Anyone had a play yet?


----------



## Crispy (Nov 10, 2010)

Previous thread here: http://www.urban75.net/vbulletin/threads/301782-saw-a-demo-of-a-future-xbox-yesterday-project-natal
But this one should remain I think, now that the thing is actually released


----------



## zenie (Nov 10, 2010)

I love the idea but if you haven't got a big 60"  telly it might feel a bit shit


----------



## dlx1 (Nov 10, 2010)

Just make me think of red dwarf ep: Gunmen of the Apocalypse with Lister grinding.


----------



## Chz (Nov 10, 2010)

Talking to some guys in the States about it, and I'm willing to bet your average London sitting room doesn't have the space for such things.

Even ignoring that, they're saying it just doesn't _play_ very well. They all think it's an amazing piece of technology, but the end result performs more like a 2nd generation Eye Toy than something which costs £130.


----------



## cybershot (Nov 10, 2010)

I was part of the public beta testing for Kinect Sports before it made it's E3 showing. It was pretty impressive tech, and some of the games were a blast, and others a bit meh. The launch titles arn't good enough to make me shell out for it thou, it's also quite expensive, until there is a 'killer app' I won't bother.


----------



## kained&able (Nov 11, 2010)

Yeah i shall wait untill i start seeing the words star wars light sabre duelling 10/10 and knockoutboxing 94% and stuff like that.

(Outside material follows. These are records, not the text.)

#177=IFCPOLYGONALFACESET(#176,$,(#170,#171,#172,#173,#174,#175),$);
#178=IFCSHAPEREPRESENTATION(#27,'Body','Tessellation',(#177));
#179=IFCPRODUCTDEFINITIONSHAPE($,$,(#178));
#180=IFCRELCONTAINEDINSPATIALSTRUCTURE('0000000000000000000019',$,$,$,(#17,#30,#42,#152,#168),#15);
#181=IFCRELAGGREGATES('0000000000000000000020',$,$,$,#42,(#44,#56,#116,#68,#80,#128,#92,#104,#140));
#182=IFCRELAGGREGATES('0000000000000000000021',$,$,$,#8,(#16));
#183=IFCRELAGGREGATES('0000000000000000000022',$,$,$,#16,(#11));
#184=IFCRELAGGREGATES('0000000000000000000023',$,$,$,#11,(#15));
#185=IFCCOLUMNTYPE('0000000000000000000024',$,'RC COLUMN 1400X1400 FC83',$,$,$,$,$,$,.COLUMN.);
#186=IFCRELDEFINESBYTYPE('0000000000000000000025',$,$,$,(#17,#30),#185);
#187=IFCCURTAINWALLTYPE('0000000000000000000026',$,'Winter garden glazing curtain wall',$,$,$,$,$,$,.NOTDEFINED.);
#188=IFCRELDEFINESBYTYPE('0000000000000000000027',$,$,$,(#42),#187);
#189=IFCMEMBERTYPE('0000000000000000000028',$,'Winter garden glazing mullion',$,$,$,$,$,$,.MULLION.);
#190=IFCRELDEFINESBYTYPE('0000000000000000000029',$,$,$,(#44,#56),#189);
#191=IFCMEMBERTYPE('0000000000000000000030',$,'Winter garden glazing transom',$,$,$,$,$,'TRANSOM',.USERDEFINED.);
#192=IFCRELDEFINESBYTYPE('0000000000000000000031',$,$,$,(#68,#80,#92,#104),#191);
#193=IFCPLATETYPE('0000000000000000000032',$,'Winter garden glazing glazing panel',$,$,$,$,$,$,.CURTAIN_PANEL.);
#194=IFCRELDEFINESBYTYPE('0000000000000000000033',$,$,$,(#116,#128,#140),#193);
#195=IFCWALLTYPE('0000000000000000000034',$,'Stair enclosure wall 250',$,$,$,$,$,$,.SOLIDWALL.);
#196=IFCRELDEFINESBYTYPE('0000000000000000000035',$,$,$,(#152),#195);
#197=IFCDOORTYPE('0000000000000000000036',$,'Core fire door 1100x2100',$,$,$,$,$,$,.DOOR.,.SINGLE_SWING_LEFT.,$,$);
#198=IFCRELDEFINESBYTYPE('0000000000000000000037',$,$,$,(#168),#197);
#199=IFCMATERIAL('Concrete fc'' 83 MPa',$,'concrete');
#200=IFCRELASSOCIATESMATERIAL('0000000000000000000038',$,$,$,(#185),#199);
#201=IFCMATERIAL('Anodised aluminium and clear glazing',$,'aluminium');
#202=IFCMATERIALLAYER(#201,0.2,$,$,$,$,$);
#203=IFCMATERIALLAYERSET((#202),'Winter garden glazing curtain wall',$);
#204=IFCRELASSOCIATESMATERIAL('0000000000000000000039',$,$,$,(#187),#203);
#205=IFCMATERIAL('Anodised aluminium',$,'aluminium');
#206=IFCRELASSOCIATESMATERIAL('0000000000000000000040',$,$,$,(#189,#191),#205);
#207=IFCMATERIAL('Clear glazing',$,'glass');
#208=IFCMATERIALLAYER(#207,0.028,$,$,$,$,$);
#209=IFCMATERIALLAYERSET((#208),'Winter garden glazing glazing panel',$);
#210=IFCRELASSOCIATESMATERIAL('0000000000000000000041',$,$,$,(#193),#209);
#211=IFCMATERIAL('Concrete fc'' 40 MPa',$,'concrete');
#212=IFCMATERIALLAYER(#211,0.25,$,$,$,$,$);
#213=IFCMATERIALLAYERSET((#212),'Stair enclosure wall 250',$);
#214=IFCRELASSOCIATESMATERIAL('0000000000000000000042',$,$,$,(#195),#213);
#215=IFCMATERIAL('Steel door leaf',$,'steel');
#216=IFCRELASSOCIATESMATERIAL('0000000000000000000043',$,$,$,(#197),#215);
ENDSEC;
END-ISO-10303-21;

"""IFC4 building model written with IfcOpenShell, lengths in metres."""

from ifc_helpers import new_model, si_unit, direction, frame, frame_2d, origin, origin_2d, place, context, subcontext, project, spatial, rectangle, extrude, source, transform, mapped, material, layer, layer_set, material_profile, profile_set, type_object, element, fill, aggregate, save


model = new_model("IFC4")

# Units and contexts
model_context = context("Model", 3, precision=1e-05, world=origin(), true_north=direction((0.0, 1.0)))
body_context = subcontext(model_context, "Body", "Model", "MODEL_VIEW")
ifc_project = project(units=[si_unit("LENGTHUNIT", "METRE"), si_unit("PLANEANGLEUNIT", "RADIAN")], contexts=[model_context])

Its cool tech but haven't decided if its a gimmick gadget or not yet. its going to be down to the games.

dave


----------



## Ranbay (Nov 11, 2010)

It's really good, not played much yet but had a quick blast last night and was really impressed with it


----------



## Kid_Eternity (Nov 11, 2010)

dlx1 said:


> Just make me think of red dwarf ep: Gunmen of the Apocalypse with Lister grinding.


 
This. And agree about the big TV, add to that massive front room to look cool in. Not interested in the kintect at all...


----------



## ooermissus (Nov 12, 2010)

I am very very excited about this.Especially the dance games.


----------



## ChrisFilter (Nov 12, 2010)

I'll be getting one. Lounge probably isn't big enough, but it's for an event, so no worries.


----------



## Shippou-Sensei (Nov 12, 2010)

DO NOT BUY SONIC FREE RIDERS!!

http://www.blisteredthumbs.net/2010/11/sonic-free-riders-angry-review/

some of the other games look ok though


----------



## Backatcha Bandit (Nov 13, 2010)

I shared a 2 hour taxi ride a couple of months back with a guy who was developing software for this...  he reckoned it was a great idea, but wasn't that impressed with the hardware... saw it as a bit of a gimmick.  Maybe they've sorted out the lag etc.


----------



## ChrisFilter (Nov 13, 2010)

Backatcha Bandit said:


> I shared a 2 hour taxi ride a couple of months back with a guy who was developing software for this...  he reckoned it was a great idea, but wasn't that impressed with the hardware... saw it as a bit of a gimmick.  Maybe they've sorted out the lag etc.


 
They pretty much have, by all accounts.


----------



## dlx1 (Nov 22, 2010)

I see this on click


----------



## cybershot (Dec 27, 2010)

Picked one up today after seeing a mates with the my fitness thingy. Knocks the spots off Wii fit, and I've just put my Wii up for sale.


----------



## ATOMIC SUPLEX (Dec 27, 2010)

What do you think the first porn kinect title will be?


----------



## cybershot (Dec 27, 2010)

Already been done, well in development for PC:

 (NSFW)


----------



## cybershot (Dec 27, 2010)

Grrrr, I can't post links or some reason, guess it's cuz my new account is  noob account prevented from spamming. I can't even see the feedback forum to complain about it! Niceeeee.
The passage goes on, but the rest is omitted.